The Quality of Orientation: How should we orient new trainees to a specialist children’s hospital

SYNOPSIS

The primary goal of today’s presentation is to identify potential barriers to learning that will help us plan the orientation of 2015’s new trainees, not only in anaesthesia but in other craft groups. The secondary goal is to compare the vastly differing results Peter obtained when he initially undertook this project as an online survey with the results obtained when the study was repeated as a qualitative research project, and to consider that the way we ask a question might influence the answers we get.

SPEAKER

Dr Peter Howe first came to RCH in 1989, planning to be a paediatrician, but found he spent most of his time performing painful procedures on children and gave up not only paediatrics but medicine for a while.
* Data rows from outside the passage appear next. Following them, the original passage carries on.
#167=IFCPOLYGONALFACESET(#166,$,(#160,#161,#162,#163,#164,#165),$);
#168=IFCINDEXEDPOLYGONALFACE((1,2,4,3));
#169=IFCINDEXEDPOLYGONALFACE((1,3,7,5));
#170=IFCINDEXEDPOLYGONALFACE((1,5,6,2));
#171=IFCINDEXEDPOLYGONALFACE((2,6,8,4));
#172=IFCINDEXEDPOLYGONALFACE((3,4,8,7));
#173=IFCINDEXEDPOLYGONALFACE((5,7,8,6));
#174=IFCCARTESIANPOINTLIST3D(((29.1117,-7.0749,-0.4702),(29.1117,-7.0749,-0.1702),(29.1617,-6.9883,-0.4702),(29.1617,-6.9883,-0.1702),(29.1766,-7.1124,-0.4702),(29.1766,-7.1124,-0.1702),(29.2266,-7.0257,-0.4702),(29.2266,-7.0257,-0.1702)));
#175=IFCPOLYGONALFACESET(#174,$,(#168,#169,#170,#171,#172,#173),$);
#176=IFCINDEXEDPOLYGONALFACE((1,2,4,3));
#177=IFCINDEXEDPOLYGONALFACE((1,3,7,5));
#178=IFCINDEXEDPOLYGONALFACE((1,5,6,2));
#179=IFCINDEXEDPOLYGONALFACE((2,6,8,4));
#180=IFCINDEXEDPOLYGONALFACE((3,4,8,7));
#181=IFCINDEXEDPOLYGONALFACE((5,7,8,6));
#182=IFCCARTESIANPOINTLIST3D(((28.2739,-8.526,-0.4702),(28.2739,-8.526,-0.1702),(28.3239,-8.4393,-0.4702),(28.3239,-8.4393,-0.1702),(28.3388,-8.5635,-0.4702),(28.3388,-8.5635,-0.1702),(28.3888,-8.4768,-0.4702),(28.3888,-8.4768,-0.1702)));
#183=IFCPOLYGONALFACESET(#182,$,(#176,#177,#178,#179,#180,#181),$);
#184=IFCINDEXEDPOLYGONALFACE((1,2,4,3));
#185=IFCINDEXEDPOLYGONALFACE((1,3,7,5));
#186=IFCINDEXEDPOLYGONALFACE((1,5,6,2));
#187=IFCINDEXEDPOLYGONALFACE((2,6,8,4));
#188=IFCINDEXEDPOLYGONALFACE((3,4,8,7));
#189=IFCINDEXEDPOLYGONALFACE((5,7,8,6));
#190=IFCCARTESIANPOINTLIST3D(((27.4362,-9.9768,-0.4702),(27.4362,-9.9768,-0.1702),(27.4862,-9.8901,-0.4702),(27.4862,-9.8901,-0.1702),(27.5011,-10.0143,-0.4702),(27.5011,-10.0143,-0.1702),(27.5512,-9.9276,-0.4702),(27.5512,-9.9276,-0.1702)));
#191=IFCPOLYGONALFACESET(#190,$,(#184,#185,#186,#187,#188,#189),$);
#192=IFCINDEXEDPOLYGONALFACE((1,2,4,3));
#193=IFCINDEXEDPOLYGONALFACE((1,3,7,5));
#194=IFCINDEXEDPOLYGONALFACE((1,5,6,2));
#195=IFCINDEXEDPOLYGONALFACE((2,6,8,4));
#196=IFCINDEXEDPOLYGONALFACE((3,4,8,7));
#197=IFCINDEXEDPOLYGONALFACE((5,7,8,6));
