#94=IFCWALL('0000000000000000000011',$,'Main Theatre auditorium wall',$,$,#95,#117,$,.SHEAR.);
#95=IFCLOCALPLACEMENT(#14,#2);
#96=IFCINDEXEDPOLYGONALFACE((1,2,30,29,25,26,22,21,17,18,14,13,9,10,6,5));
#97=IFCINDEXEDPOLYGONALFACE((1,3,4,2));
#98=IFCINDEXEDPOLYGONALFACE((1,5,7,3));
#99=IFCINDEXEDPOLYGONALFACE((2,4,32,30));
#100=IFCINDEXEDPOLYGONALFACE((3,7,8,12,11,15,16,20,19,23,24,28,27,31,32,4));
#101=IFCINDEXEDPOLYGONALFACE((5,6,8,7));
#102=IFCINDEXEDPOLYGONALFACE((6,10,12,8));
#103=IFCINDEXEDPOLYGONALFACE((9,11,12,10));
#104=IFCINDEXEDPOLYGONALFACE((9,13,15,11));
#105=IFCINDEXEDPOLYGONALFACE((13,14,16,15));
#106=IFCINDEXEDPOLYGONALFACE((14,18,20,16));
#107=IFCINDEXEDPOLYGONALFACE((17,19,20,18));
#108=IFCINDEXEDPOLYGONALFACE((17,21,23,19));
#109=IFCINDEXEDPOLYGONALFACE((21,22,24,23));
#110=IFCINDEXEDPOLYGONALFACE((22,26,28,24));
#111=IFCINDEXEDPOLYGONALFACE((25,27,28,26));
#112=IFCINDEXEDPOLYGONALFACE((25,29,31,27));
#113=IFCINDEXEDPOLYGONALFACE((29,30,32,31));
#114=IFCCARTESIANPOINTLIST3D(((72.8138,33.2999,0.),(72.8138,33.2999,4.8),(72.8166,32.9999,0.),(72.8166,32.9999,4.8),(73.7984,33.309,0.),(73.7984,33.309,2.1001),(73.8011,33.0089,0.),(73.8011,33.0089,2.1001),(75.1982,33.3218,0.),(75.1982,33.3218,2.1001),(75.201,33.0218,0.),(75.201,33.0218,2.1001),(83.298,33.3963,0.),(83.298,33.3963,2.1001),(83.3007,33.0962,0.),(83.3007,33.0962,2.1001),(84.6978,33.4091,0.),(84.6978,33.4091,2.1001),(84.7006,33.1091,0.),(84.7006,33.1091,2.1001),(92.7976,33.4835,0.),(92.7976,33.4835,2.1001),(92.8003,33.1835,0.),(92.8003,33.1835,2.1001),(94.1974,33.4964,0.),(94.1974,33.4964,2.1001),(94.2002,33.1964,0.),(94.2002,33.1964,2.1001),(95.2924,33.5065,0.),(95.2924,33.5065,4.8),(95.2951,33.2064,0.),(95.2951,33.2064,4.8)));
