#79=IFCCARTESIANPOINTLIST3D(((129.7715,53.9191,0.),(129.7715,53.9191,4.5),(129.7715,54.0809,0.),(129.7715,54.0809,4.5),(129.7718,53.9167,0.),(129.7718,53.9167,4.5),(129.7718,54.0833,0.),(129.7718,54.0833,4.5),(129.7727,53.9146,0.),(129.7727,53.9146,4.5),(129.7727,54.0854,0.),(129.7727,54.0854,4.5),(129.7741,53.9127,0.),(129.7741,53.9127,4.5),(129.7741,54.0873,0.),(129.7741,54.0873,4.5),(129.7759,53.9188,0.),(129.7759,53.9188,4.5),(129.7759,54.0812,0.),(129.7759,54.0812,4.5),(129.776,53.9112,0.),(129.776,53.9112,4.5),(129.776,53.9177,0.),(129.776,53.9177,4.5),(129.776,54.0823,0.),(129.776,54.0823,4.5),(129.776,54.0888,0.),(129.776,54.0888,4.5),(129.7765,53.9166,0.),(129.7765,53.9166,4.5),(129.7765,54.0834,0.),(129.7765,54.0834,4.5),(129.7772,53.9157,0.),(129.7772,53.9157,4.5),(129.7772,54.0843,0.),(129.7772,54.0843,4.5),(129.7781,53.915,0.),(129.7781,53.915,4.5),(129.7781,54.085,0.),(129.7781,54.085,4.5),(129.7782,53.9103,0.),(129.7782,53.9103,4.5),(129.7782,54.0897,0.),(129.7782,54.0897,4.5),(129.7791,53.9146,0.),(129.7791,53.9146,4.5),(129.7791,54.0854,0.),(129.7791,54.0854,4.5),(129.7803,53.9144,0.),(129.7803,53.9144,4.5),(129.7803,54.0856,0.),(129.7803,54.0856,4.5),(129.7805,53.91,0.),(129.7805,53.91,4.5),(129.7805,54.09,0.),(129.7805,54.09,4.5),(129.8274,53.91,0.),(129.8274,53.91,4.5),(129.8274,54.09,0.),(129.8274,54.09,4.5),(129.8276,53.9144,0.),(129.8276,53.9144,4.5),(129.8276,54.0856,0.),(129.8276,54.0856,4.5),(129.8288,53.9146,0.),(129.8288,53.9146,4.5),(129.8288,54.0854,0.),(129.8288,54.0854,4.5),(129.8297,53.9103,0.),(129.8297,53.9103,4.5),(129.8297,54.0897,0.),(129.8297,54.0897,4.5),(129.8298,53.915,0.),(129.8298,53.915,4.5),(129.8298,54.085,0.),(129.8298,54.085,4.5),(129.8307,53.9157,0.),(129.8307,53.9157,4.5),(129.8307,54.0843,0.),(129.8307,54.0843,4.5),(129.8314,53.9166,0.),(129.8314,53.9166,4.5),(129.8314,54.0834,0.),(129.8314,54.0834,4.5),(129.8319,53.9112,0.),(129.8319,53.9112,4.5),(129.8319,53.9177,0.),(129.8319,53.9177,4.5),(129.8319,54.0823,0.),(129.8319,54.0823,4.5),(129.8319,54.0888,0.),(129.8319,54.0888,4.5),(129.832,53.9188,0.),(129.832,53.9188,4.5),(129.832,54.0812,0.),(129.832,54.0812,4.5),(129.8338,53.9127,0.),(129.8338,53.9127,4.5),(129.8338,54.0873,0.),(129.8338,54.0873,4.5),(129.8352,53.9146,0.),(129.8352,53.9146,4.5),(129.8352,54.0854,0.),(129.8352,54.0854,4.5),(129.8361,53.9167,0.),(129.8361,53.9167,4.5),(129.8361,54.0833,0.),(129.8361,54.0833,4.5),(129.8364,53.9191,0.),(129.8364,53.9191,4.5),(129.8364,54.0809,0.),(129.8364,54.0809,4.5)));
After trying out life as an unemployed actor in Darwin and an unemployed opera singer in Melbourne, he returned to RCH as an anaesthetic registrar in 1997 and hasn’t left since. He has been an anaesthetics consultant since 2000, the supervisor of anaesthesia training since 2001 and an Honorary Clinical Senior Fellow with The University of Melbourne since 2006.

He has always had a passion for teaching, and has been the RCH anaesthesia department’s ’Teacher of the Year’ seven times. Earlier this year he completed a Master of Clinical Education through Flinders University. Today he will present aspects of his masters research project, which describes the experiences of anaesthesia trainees as they began a term at a specialist paediatric hospital.